There lives Nod Shaver, president of K. B. Co. And down there is Wabash college which is justifiably proud of the accomplishments of its greatest.  We have several graduates from our county-- Jack Rovenstine, Ted Williams, Pete Thorn.

At 10:54 we are now crossing the NYC railroad between Clark's Hill and Stockwell.  There goes Highway 52 just under us-- Lafayette to Indianapolis road.
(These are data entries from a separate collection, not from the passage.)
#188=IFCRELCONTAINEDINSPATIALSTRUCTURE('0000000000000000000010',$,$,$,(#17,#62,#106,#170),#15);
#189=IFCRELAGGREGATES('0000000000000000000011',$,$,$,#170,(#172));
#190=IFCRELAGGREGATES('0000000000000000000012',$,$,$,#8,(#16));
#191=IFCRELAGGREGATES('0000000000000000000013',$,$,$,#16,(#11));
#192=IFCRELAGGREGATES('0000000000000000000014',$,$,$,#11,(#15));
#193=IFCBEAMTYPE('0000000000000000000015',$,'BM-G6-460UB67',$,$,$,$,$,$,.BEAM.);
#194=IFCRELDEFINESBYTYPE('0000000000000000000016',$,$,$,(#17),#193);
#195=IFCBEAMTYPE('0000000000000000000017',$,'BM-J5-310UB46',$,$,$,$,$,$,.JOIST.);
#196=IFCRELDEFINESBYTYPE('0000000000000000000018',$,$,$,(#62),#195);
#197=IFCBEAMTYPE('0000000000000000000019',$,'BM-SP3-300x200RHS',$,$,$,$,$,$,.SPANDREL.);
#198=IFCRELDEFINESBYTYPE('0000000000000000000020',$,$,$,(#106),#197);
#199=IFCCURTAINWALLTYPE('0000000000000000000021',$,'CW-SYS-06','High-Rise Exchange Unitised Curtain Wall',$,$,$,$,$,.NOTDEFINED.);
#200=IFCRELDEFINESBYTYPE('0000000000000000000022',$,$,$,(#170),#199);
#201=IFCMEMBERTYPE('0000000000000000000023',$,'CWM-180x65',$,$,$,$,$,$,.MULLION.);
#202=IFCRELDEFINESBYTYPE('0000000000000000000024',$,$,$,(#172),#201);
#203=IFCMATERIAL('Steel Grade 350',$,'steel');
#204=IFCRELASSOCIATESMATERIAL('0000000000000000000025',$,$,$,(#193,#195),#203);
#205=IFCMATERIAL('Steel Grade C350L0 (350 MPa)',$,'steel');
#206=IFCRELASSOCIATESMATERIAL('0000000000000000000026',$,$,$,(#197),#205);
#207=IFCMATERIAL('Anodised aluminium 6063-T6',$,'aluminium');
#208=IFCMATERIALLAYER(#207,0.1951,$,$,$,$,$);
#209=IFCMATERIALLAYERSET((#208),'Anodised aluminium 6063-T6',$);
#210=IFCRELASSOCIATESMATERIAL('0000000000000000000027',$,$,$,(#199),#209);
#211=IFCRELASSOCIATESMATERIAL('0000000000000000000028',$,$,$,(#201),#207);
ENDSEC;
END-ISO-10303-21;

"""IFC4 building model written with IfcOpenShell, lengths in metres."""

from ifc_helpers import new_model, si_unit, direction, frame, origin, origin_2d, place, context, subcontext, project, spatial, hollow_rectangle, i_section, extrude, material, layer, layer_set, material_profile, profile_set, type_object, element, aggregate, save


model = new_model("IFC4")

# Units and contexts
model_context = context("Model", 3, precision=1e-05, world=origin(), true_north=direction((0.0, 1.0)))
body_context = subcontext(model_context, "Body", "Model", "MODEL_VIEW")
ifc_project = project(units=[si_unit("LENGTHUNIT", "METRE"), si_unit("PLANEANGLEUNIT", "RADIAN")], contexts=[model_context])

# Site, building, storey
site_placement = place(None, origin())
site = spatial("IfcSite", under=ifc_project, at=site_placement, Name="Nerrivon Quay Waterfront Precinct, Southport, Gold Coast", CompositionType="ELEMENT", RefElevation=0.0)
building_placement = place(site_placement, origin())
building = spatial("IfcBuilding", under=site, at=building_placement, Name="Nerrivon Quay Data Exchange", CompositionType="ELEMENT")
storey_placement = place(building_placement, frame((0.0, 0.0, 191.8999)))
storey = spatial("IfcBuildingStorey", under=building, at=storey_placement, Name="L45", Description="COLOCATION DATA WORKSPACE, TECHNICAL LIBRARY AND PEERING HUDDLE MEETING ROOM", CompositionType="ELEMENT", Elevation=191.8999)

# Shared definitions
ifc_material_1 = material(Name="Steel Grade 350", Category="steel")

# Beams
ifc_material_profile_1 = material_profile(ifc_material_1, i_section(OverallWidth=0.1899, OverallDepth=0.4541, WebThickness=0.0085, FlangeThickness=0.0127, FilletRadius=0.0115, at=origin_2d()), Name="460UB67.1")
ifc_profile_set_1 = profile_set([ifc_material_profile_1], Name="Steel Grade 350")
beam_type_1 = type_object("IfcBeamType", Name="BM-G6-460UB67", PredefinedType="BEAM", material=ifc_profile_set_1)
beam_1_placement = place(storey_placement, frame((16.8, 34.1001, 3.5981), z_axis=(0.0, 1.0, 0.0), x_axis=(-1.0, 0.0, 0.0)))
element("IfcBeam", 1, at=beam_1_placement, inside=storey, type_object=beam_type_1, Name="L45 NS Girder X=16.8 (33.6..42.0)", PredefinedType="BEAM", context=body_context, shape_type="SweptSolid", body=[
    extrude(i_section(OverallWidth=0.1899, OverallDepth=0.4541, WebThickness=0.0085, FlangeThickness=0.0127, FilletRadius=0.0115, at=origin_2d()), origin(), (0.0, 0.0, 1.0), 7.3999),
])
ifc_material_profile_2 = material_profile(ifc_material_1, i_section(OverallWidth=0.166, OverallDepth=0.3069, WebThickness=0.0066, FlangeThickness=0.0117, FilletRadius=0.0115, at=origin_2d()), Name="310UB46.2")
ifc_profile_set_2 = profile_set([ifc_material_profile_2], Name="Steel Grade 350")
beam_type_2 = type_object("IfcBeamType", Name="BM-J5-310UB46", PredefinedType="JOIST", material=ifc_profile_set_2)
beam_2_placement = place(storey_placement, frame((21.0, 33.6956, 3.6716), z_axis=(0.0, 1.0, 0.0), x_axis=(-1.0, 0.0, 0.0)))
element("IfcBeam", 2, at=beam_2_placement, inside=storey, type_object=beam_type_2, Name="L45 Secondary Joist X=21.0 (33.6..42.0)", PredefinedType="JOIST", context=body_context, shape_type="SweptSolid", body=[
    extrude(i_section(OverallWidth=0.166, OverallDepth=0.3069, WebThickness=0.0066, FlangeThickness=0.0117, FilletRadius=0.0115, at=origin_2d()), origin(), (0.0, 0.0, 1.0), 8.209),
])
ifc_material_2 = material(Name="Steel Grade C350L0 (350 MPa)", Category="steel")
We are now 2 ½ hours out of Paducah, Ky., and find ourselves over Wildcat Creek, just south of Ockley.  At 11:14 we are over Logansport and the Wabash river.  Just south of Fulton we notice our first snow on the ground.  We are running into our first bad weather of the trip less than a half hour from home.

With the luck of airmen, we must turn back to Logansport to be on the save side, where we will wait for an hour or so for the skies to clear again.  We touch down at Hooten field for the first time in seven days in Indiana.  We have seen some marvelous scenery, but this looks the best.  After all we are Hoosiers and this is Hoosierland!